Mentalmente revejo, enquanto se opera a transmutação de mosquito para pepita de ouro, símbolos e divisas de esquadras da Força Aérea Portuguesa que garantem transporte de órgãos entre os mais diversos pontos do país, dando vida a quem por ela aguarda, colocando Portugal nos lugares cimeiros da lista mundial de doação e transplantação de órgãos, e realizam missões de salvamento em terra e alto mar, dia e noite, todos os dias do ano. Materializa-se o lince sobre o verde e o vermelho da bandeira nacional, e a divisa “Entre Gente Remota Edificaram”, símbolos da Esquadra 504 – Linces. Consubstancia-se o elefante amarelo calcorreando a praia, e a divisa “Sobre As Asas Ínclitas da Fama”, ícones da Esquadra 502 – Elefantes. Corporiza-se ainda o helicóptero pairando sobre o mar encapelado, e a divisa “Para Que Outros Vivam”, emblemas da Esquadra 751 – Pumas.

Recordo o crucial papel, particularmente em tempos de pandemia, não só no transporte de material biológico, mas também na salvaguarda do cumprimento das medidas de higiene e segurança, em eventos específicos e no que de mais prosaico o quotidiano encerra, da Polícia de Segurança Pública (exercendo, em pleno, o seu mote “Pela Ordem e Pela Pátria”), da Guarda Nacional Republicana (cumprindo, em todo o esplendor, a sua divisa “Pela Lei e Pela Grei”), e do Exército Português (fazendo jus, diariamente, ao seu lema “Por Portugal e São Jorge, Em Perigos e Guerra Esforçados”).

São forças vivas que dão vida à vida. São músculo e cérebro que sustentam a nação. São escudo permanente em todos os combates (mesmo contra um inimigo invisível e desconhecido). São garantes de paz e harmonia.
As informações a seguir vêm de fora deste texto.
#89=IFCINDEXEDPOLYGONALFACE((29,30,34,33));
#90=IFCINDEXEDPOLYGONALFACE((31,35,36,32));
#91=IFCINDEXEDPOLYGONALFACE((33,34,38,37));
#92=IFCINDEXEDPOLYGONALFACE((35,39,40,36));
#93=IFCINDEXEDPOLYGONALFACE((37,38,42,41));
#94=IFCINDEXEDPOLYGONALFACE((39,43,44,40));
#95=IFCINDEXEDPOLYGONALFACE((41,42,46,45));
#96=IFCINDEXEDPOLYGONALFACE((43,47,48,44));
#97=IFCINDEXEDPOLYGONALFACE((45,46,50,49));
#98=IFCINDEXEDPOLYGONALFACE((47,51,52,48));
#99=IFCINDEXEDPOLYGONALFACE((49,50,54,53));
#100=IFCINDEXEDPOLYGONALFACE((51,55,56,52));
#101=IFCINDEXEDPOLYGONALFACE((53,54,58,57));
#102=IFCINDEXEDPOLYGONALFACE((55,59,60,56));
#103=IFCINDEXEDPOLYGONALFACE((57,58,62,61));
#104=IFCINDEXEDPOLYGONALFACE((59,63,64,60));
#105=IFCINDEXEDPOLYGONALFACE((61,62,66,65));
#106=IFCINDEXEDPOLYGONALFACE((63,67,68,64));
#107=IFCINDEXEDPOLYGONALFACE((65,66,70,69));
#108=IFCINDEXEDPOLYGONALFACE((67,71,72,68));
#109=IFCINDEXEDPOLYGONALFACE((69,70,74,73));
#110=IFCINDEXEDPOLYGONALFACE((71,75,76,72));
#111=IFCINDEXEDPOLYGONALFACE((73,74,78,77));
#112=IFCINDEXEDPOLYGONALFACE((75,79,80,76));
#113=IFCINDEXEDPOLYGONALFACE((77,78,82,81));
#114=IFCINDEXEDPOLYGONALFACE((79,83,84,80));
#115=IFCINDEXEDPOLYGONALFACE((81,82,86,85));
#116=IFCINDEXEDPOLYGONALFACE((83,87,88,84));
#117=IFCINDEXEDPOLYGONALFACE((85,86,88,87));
O mosquito é já pepita e o cordão de segurança foi, por fim, fragmentado. Inicio a minha descida pela rampa que dá acesso, pelo exterior, ao nível térreo. Ali estão, entre as tendas que fosforescem e os astronautas que para o seu interior (ainda) trazem luz, três polícias. Saúdam-me com um aceno de cabeça a que respondo. Ao aproximar-me dos portões do hospital observo, imóvel atrás do semáforo, um veículo da Guarda Nacional Republicana. Ao cruzar, enfim, as grandes lanternas que delimitam o espaço físico do hospital, despeço-me do segurança, que conheço desde os tempos de faculdade, com o desejo de um óptimo fim-de-semana.

São eles os guardiões da pátria. Ovações, medalhas e também tónicos de encorajamento para quem, desinteressadamente e por amor ao próximo, faz da segurança e saúde nacionais o seu objectivo estratégico.

Ao ritmo da cadência metronómica dos meus passos vou compondo um sonoro aplauso mental, simultaneamente fundindo e talhando o ouro da medalha, e mesclando e fundindo ingredientes do tónico que são meritoriamente seus.